# Fast processing



## CanuckMarksman (9 Mar 2016)

I applied to the Canadian forces January 20th, did my FORCE fitness test the night after, and the final step in my application process was on March 2nd. 

I was expecting the process to take at least a year, but I've completed it in less than 60 days.

Has anyone else been pushed through the process this quick recently?


----------



## OldCrow937 (9 Mar 2016)

I have never quite seen an application go through quite as fast as your describing for Reg force...

typical time line for a new recruit is 181 days from the first time they set foot in a RC to when they are getting kitted out in CLFRS , I am currently a re-applicant and its been around 80 days for me to have gone from online application to being placed on the merit list..... now that there are no further steps to take the waiting is driving me nuts ( hence my lurking on this site )


----------



## mariomike (9 Mar 2016)

CanuckMarksman said:
			
		

> Has anyone else been pushed through the process this quick recently?



You can check here,

Application Process Samples  
https://army.ca/forums/threads/13064.5025.html

See also,

TIMINGS - ESTIMATED TIMES FOR_______________  
http://army.ca/forums/threads/81054.0


----------



## BlueAngels14 (9 Mar 2016)

Isn't the FORCE test for reserves? The test for Reg F isn't until the first week of BMQ/OQ.


----------



## Leeworthy (10 Mar 2016)

Seems you have applied for the reserves? Since you have completed your FORCES test already. I don't see that being a super quick timeline for processing seeing as it is a Res F Position. Now if you said that was a Reg F timeline then I would say yes, it is very fast.


----------



## CanuckMarksman (10 Mar 2016)

OldCrow937 said:
			
		

> I have never quite seen an application go through quite as fast as your describing for Reg force...
> 
> typical time line for a new recruit is 181 days from the first time they set foot in a RC to when they are getting kitted out in CLFRS , I am currently a re-applicant and its been around 80 days for me to have gone from online application to being placed on the merit list..... now that there are no further steps to take the waiting is driving me nuts ( hence my lurking on this site )
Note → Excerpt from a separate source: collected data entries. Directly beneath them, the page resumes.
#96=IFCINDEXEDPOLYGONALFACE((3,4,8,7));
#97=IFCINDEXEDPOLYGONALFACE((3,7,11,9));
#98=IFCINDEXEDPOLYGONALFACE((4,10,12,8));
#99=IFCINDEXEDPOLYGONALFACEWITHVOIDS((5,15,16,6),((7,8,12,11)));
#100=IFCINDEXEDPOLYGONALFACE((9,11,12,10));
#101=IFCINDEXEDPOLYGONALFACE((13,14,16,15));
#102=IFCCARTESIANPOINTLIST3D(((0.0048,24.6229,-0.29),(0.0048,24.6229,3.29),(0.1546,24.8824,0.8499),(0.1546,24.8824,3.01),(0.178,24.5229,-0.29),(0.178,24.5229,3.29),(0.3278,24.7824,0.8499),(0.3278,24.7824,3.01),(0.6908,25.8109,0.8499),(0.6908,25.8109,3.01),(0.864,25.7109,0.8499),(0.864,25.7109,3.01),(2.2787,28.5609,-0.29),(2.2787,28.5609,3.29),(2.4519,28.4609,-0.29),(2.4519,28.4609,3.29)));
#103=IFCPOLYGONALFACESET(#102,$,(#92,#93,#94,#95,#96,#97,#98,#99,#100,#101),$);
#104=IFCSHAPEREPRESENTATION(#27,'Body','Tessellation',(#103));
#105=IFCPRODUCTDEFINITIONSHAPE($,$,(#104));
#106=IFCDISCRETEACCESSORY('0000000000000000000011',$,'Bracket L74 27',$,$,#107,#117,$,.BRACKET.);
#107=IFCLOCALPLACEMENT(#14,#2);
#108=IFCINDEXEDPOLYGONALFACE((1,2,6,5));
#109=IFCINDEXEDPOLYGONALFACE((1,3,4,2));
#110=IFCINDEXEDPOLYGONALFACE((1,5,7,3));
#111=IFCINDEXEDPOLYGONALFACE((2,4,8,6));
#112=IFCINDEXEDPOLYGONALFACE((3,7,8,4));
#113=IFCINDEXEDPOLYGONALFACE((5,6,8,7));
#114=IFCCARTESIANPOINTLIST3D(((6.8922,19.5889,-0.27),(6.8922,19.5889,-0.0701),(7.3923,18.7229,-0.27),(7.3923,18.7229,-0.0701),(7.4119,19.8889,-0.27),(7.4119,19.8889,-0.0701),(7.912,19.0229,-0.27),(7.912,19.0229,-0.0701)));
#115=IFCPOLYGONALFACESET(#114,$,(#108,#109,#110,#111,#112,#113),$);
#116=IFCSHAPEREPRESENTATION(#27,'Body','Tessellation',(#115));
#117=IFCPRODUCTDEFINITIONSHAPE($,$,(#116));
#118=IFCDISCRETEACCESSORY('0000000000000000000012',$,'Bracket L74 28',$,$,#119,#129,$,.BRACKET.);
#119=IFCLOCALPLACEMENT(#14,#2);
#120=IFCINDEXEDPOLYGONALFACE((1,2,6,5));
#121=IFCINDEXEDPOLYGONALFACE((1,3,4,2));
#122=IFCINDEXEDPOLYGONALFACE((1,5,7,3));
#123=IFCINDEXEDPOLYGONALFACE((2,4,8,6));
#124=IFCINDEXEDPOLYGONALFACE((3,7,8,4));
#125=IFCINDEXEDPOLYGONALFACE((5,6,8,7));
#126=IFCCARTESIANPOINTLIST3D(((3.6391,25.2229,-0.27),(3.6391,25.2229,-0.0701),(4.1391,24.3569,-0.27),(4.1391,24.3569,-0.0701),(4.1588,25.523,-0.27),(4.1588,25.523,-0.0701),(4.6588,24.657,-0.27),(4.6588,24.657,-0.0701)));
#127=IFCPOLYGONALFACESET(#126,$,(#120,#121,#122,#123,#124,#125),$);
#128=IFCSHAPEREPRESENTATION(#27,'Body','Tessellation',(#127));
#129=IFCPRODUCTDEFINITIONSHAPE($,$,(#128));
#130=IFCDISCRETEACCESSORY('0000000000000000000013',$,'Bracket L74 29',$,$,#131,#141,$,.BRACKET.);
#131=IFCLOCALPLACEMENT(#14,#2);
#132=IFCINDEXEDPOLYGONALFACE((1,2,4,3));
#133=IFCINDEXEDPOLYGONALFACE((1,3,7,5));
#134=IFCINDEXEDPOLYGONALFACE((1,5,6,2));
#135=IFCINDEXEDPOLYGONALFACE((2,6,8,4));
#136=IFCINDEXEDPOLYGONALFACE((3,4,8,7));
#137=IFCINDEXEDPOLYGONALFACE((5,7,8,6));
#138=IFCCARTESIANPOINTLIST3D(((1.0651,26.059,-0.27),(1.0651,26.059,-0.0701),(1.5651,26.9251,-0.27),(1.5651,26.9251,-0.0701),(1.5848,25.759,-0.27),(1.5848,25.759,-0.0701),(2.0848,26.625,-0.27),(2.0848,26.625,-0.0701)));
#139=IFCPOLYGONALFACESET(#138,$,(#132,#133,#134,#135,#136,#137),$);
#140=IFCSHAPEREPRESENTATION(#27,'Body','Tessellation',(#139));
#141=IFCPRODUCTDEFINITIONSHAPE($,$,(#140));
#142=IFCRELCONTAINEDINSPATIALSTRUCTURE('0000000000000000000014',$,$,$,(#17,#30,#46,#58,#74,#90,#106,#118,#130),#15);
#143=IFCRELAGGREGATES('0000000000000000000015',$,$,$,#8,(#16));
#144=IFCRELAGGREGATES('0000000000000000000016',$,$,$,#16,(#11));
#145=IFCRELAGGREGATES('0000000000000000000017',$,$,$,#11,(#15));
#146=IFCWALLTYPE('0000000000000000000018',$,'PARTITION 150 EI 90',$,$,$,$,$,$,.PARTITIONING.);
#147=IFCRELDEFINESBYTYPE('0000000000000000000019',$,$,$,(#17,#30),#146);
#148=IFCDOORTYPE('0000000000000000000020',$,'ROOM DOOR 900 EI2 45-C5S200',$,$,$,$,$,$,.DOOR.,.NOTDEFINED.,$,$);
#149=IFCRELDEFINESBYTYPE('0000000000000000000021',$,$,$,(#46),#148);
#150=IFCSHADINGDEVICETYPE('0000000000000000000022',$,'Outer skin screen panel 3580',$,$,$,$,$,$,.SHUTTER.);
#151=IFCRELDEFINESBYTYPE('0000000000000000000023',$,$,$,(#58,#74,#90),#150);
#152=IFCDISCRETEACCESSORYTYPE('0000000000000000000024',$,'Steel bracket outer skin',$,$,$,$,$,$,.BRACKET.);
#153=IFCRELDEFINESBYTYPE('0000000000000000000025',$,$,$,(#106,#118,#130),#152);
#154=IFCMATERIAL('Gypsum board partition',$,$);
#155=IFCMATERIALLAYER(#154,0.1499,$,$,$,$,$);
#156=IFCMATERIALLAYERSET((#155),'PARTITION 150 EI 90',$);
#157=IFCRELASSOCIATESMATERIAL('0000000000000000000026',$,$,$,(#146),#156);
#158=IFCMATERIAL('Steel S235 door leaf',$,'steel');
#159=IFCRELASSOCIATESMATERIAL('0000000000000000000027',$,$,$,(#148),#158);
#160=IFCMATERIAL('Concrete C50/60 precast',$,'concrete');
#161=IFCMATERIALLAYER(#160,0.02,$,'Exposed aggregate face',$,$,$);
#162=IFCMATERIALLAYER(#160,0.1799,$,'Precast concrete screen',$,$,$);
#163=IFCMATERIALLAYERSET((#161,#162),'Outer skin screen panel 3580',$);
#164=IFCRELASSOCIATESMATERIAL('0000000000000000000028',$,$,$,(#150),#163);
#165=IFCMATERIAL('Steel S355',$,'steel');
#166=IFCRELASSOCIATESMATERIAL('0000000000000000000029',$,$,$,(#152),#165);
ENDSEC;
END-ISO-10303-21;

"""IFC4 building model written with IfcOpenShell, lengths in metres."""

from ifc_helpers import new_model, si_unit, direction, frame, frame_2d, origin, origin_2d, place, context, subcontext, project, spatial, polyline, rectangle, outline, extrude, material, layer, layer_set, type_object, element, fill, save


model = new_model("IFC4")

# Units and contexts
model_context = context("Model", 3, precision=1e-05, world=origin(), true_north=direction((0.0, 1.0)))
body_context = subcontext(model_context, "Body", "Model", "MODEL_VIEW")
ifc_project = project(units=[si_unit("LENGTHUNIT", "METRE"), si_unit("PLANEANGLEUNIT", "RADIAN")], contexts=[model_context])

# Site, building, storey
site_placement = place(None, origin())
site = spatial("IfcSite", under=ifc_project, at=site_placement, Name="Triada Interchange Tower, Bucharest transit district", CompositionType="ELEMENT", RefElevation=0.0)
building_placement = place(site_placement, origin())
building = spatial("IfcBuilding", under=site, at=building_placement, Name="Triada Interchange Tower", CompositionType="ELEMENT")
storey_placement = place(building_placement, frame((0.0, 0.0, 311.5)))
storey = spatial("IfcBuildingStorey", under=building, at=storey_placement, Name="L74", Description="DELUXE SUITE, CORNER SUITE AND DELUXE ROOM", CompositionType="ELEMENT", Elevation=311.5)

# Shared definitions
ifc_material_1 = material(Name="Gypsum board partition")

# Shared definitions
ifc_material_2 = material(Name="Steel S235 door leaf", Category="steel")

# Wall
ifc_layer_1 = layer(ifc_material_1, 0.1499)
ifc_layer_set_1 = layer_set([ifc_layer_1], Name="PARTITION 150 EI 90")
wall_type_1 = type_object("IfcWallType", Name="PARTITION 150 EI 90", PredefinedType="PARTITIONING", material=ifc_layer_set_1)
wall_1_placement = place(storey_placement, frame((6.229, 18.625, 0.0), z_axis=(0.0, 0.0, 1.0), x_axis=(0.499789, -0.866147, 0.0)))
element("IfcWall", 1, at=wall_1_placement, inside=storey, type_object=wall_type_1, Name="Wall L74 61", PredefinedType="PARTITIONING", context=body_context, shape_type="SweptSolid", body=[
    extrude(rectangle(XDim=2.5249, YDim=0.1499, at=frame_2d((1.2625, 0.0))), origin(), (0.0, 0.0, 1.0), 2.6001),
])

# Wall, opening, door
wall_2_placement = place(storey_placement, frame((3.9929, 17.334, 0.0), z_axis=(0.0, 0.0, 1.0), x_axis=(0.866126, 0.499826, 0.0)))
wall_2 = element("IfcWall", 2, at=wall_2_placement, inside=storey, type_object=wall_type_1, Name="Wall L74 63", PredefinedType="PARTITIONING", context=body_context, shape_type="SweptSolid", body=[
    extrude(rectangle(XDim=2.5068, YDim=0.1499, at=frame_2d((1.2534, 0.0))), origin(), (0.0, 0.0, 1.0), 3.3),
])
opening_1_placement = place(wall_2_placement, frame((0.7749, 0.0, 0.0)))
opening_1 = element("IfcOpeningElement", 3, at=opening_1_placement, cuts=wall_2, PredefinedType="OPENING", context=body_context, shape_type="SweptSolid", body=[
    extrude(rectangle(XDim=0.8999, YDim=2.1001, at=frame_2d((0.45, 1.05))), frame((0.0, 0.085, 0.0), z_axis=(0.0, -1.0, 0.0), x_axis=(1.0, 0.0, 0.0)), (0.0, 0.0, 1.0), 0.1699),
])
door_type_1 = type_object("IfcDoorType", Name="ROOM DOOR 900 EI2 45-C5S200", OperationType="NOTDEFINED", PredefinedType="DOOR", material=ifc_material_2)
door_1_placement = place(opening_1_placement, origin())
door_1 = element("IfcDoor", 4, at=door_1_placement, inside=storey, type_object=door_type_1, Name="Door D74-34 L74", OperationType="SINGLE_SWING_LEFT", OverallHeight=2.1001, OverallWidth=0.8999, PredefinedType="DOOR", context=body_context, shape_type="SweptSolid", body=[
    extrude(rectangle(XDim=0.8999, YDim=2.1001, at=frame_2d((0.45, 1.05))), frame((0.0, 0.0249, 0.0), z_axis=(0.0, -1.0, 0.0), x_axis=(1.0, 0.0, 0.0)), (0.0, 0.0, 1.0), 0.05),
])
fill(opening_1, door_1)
I've applied to the reserves for infantry


----------



## DAA (10 Mar 2016)

CanuckMarksman said:
			
		

> I've applied to the reserves for infantry



Then it's up to your local Unit or Brigade Recruiter to "drive" your application.  If they want or need to hire you bad enough, they will push to have it processed quicker.


----------



## sampson028 (3 Apr 2016)

Yeah, my understanding is that is very fast. I would have taken just over 60 days. They had my enrolment ceremony scheduled,  everything was very fast. If it wasn't for a problem with my eye sight, I would have been at my unit in 90 days. When enlisting they told me the typical wait time for the reserves is 120 days up to 1.5 years. I ended up taking just under 9 months, and after talking to everyone at my unit, 9 months seems average if not on the faster side.


----------



## Supgee3 (3 Apr 2016)

LOL. Ive been waiting 2 years and still waiting on merit list.


----------



## PuckChaser (3 Apr 2016)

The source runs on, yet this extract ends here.